Yes, I’m on Linux (Ubuntu), currently using Julia 1.7.2, and I’m comparing with ifort-compiled Fortran code (with -O3).

I just tried running it with the 1.8.0-beta1, and I can confirm that ^ seems to be about twice as fast as on 1.7.2, which matches the comment in https://github.com/JuliaLang/julia/pull/44717#issue-1178579501. This is from eyeballing the ProfileSVG output; Pprof and StatProfilerHTML which would give more quantitative info both still crash on 1.8.

I also tried it on my Macbook (with 1.7), and it looked like the relative amount of time spent in ^ was indeed also shorter there, although overall performance was abysmal. I’m not sure I can trust the profiler there, it’s showing the majority of time spent in top-level functions named .L10, .L999, and similar that I have no idea what they mean. I’d guess this maybe has to do with Rosetta (I haven’t had time yet to really look into the M1 support in 1.7). It doesn’t matter that much, since anything serious is going to run on the Linux workstation.

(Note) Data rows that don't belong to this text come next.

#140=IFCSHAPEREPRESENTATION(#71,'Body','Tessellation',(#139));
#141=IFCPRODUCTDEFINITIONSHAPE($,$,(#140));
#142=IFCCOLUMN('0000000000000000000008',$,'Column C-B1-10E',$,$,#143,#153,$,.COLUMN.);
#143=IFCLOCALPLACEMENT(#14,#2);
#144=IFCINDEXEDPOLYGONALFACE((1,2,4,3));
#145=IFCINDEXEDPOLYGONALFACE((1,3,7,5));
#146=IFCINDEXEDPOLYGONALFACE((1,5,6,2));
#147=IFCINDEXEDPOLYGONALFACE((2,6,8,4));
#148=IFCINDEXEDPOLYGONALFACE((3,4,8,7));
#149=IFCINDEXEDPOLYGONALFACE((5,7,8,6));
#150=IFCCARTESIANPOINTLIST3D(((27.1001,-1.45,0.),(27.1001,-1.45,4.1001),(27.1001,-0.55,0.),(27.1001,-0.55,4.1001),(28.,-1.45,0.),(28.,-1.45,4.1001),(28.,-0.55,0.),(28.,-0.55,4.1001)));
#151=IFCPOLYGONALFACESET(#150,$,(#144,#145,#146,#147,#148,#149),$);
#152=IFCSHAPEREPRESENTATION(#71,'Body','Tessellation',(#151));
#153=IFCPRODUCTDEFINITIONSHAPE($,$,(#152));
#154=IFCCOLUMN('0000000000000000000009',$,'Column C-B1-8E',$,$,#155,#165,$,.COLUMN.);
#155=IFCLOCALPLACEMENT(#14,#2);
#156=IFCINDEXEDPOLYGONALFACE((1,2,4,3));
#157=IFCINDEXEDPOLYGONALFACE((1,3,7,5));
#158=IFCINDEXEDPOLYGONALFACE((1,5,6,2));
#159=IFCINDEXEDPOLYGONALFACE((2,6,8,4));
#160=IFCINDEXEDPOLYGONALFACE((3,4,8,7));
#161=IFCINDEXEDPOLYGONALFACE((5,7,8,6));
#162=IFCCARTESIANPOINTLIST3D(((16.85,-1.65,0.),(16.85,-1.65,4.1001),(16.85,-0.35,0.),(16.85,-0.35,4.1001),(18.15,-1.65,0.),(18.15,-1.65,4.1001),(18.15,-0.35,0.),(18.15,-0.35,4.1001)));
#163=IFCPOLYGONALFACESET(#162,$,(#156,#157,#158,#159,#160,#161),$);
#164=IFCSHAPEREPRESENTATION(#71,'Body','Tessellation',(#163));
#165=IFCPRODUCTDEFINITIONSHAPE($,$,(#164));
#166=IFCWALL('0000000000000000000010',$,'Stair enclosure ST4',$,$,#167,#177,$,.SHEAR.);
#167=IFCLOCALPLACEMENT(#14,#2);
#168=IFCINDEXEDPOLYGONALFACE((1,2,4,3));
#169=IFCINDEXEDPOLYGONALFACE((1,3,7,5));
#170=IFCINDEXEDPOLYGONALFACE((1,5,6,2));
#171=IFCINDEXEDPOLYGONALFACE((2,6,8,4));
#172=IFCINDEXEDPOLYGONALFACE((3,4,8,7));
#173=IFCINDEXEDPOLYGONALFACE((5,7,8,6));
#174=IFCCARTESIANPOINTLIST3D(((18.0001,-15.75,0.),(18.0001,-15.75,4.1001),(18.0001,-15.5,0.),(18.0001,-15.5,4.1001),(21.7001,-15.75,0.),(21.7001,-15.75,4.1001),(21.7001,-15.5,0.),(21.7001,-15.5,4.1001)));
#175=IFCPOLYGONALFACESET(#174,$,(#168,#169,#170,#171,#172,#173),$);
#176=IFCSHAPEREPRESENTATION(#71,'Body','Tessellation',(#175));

The overall algorithm is still much slower than it should be, but now that Hessenberg diagonalization is the slowest part, so I’ll have a look at that next. Also, I might have to be a bit more thorough with my Fortran benchmarking, maybe try gfortran instead of ifort. For one of the other methods in QuantumPropagators that’s far less involved (but limited to Hermitian matrices), I got the Julia code to be exactly as fast as the Fortran with compiled gfortran (which was a factor of two slower than ifort). I was hoping to get something similar here.

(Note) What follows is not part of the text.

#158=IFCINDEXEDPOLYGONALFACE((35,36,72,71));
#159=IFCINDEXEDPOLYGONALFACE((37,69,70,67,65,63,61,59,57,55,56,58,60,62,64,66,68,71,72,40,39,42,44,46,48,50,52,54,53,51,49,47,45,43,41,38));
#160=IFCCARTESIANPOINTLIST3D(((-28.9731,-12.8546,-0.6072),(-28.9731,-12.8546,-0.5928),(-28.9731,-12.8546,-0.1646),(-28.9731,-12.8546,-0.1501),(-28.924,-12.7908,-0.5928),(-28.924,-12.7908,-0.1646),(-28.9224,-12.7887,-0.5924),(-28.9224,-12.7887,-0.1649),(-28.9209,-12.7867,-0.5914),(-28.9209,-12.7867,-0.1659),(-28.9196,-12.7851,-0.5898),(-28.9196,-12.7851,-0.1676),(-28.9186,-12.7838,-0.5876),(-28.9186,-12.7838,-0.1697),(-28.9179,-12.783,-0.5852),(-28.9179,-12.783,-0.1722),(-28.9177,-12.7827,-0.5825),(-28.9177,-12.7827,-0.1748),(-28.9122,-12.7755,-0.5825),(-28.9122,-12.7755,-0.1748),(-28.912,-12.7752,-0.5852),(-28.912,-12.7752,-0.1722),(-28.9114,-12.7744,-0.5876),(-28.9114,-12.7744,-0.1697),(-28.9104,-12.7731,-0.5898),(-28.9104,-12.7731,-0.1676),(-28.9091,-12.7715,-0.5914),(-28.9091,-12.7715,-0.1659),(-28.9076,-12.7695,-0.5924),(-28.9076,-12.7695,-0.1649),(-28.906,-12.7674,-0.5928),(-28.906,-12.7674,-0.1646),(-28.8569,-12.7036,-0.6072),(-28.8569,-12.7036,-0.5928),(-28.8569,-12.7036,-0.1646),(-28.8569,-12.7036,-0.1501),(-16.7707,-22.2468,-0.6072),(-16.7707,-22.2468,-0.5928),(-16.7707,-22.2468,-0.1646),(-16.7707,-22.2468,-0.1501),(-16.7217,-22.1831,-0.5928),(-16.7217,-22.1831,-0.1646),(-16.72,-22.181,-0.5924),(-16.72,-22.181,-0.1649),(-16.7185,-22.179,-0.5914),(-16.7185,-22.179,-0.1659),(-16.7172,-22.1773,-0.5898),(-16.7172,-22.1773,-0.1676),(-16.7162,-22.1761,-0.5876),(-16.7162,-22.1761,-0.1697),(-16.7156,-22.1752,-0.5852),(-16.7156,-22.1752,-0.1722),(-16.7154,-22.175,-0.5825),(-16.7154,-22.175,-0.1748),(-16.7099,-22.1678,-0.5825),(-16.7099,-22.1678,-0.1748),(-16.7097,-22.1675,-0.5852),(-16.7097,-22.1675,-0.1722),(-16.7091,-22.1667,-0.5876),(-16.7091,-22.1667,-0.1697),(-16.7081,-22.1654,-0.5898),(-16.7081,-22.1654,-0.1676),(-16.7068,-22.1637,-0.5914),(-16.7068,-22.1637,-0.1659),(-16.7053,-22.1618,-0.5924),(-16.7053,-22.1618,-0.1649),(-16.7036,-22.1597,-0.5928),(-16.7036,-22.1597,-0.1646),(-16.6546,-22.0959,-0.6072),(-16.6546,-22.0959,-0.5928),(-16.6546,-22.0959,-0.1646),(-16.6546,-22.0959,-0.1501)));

I’ll keep twiddling the code, and maybe also see how some of the existing Julia solutions like ExpoKit perform (I’m just implementing my old true-and-tested methods first to have something to fall back on that I know exactly what it’s doing)

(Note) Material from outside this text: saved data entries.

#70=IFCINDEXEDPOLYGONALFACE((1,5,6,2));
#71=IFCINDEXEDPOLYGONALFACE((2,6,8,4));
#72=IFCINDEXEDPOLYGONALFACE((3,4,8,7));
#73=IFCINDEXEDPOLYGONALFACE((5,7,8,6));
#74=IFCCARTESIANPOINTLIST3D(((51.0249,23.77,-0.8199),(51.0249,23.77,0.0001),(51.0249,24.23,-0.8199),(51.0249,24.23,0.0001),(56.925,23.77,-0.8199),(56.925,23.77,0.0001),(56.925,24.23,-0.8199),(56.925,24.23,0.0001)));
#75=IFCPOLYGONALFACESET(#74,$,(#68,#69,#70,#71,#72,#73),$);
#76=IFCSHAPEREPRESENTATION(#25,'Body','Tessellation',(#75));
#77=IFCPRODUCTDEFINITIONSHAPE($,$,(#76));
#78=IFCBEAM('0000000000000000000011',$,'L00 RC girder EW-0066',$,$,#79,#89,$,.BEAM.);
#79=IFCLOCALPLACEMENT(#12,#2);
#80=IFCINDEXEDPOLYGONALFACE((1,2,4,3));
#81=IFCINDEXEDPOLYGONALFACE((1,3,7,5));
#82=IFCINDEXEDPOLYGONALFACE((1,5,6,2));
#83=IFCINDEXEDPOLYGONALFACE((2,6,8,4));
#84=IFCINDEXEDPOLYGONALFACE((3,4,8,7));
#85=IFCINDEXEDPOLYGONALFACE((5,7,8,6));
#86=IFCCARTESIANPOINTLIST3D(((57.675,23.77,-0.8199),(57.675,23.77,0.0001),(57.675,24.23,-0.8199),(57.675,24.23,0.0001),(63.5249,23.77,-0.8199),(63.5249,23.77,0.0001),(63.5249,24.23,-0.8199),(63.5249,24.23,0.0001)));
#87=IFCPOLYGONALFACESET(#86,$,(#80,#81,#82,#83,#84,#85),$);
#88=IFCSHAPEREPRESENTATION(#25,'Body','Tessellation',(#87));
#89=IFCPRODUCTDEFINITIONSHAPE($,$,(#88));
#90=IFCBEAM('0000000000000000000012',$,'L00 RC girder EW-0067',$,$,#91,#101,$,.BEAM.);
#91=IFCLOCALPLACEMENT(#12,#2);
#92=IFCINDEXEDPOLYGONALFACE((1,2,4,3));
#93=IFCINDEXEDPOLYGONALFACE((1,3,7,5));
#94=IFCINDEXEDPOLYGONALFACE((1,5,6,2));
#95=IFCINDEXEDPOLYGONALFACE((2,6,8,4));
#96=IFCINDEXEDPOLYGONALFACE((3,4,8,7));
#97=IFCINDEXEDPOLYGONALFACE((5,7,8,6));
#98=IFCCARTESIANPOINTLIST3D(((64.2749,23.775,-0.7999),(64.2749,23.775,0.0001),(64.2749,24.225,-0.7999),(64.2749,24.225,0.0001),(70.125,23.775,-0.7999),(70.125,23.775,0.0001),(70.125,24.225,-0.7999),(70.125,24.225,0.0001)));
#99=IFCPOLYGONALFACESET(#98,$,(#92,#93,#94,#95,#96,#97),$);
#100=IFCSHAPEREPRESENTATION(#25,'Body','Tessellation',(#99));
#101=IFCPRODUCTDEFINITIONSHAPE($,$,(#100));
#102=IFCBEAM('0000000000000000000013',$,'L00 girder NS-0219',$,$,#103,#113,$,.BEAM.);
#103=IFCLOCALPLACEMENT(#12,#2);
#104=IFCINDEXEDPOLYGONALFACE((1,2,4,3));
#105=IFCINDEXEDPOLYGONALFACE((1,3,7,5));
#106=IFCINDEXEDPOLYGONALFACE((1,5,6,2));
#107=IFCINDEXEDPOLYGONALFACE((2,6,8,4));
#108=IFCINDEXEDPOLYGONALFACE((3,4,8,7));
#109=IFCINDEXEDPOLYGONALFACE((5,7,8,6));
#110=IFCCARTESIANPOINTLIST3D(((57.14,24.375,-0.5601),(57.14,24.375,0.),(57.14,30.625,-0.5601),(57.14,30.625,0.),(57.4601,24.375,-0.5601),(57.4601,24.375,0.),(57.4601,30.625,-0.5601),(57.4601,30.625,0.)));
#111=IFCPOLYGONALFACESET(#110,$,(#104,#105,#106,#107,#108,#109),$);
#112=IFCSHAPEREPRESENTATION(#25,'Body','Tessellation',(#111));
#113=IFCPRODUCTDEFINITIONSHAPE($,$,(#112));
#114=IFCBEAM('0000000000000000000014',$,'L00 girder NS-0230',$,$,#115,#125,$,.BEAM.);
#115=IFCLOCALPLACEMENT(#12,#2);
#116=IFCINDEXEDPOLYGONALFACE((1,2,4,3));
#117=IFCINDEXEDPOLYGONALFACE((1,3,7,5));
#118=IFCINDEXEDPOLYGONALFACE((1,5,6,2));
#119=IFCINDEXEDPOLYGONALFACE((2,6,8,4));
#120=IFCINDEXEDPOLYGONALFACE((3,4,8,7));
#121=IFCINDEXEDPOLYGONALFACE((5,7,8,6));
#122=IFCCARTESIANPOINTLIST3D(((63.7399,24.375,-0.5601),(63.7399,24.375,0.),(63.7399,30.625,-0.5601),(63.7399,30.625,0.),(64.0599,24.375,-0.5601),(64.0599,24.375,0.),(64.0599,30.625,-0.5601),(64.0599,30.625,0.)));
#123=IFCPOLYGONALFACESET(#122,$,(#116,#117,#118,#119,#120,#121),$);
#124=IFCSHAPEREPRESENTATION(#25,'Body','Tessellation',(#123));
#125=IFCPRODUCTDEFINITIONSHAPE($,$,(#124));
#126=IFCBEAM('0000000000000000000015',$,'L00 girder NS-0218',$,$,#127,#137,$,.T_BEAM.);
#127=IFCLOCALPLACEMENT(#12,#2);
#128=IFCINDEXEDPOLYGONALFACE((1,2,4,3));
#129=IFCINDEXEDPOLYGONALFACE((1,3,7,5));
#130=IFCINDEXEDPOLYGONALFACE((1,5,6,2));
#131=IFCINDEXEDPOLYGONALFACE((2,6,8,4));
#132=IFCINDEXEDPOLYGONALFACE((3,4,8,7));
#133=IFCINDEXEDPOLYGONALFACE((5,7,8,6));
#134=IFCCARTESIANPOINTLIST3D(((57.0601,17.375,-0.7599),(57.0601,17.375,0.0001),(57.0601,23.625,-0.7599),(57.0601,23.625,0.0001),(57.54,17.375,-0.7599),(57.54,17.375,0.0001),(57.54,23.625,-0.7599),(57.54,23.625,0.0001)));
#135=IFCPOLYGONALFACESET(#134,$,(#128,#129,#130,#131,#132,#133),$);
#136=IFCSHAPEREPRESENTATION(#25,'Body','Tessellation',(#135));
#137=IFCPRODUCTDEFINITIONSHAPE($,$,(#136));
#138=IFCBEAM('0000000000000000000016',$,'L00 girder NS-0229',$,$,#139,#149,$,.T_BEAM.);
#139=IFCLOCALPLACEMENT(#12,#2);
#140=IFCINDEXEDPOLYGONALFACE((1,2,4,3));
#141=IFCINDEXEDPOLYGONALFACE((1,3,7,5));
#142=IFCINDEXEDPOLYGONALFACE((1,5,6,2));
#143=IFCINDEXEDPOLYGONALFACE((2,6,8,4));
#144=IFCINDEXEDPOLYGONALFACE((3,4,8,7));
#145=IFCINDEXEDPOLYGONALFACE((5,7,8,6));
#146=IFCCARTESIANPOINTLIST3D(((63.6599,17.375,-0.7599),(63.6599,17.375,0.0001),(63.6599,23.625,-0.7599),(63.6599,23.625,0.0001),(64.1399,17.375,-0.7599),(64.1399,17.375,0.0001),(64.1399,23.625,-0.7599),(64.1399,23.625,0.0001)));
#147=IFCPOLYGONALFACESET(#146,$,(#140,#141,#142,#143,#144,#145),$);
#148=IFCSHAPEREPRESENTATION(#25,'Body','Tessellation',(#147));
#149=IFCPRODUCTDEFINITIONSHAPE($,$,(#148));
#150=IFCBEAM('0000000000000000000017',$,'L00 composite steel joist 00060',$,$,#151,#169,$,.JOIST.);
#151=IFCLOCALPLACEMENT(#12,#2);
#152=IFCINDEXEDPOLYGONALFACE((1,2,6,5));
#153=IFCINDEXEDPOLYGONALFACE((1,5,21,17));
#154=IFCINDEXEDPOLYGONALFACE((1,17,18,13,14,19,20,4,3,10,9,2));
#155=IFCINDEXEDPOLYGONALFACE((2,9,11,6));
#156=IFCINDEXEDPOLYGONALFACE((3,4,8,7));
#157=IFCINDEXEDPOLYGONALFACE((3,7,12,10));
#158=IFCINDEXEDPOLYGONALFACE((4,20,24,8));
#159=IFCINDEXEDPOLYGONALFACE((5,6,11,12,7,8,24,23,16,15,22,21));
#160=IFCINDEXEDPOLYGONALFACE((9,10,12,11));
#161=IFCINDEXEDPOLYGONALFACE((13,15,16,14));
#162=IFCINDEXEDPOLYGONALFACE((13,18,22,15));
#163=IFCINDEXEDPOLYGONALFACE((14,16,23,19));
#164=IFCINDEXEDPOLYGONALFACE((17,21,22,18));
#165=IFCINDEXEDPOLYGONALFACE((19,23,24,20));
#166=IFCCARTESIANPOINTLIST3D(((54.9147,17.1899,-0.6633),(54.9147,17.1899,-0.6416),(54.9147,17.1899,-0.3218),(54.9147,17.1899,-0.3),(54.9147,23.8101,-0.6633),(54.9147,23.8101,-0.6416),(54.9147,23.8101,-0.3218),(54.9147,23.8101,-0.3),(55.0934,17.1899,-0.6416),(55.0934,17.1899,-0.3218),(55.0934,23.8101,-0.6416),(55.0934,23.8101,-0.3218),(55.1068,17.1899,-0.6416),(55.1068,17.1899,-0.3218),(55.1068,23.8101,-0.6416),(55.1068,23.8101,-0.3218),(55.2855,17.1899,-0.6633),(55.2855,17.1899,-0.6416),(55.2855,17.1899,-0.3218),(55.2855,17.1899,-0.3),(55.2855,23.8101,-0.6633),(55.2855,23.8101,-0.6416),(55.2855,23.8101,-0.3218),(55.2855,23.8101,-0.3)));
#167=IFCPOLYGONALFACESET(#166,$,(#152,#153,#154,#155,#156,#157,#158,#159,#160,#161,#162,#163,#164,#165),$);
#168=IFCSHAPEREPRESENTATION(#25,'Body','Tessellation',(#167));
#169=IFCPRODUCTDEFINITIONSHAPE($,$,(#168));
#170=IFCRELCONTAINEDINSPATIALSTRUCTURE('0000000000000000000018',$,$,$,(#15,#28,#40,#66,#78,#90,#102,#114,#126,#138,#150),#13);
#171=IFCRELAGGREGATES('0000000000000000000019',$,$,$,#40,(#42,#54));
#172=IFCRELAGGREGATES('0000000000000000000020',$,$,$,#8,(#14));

https://github.com/JuliaLang/julia/pull/44717#issue-1178579501 isn’t in 1.8. That will be a future speedup in 1.9. The part that did go into 1.8 is https://github.com/JuliaLang/julia/pull/42271

2 Likes

Ah! Should I try the Nightly?

Note that the PR isn’t merged yet. To see the change, you would have to build the PR from source. Also I’m planning on making a number of changes before this merges (that hopefully will have small to no performance impact for this) before it merges. Also, in the next few weeks I should have a PR that speeds up exp by 1-2 ns that will also help this.

1 Like

Also…

julia> const libm6 = "/usr/lib64/libm.so.6"
"/usr/lib64/libm.so.6"

julia> syspow(x,y) = @ccall libm6.pow(x::Float64, y::Float64)::Float64
syspow (generic function with 1 method)

julia> @btime syspow($(Ref(2.3))[],$(Ref(1.2))[])
  15.675 ns (0 allocations: 0 bytes)
2.716898432499149

So, actually, system libm is fast on Linux.

If it isn’t the system libm, which pow is Julia actually calling on 1.6 and 1.7, and why is it different on Windows, Mac, and Linux???

Wait, that’s really weird. Are 1.6 and 1.7 calling an LLVM specific pow somehow?

Apparently, but why would that be different on each OS?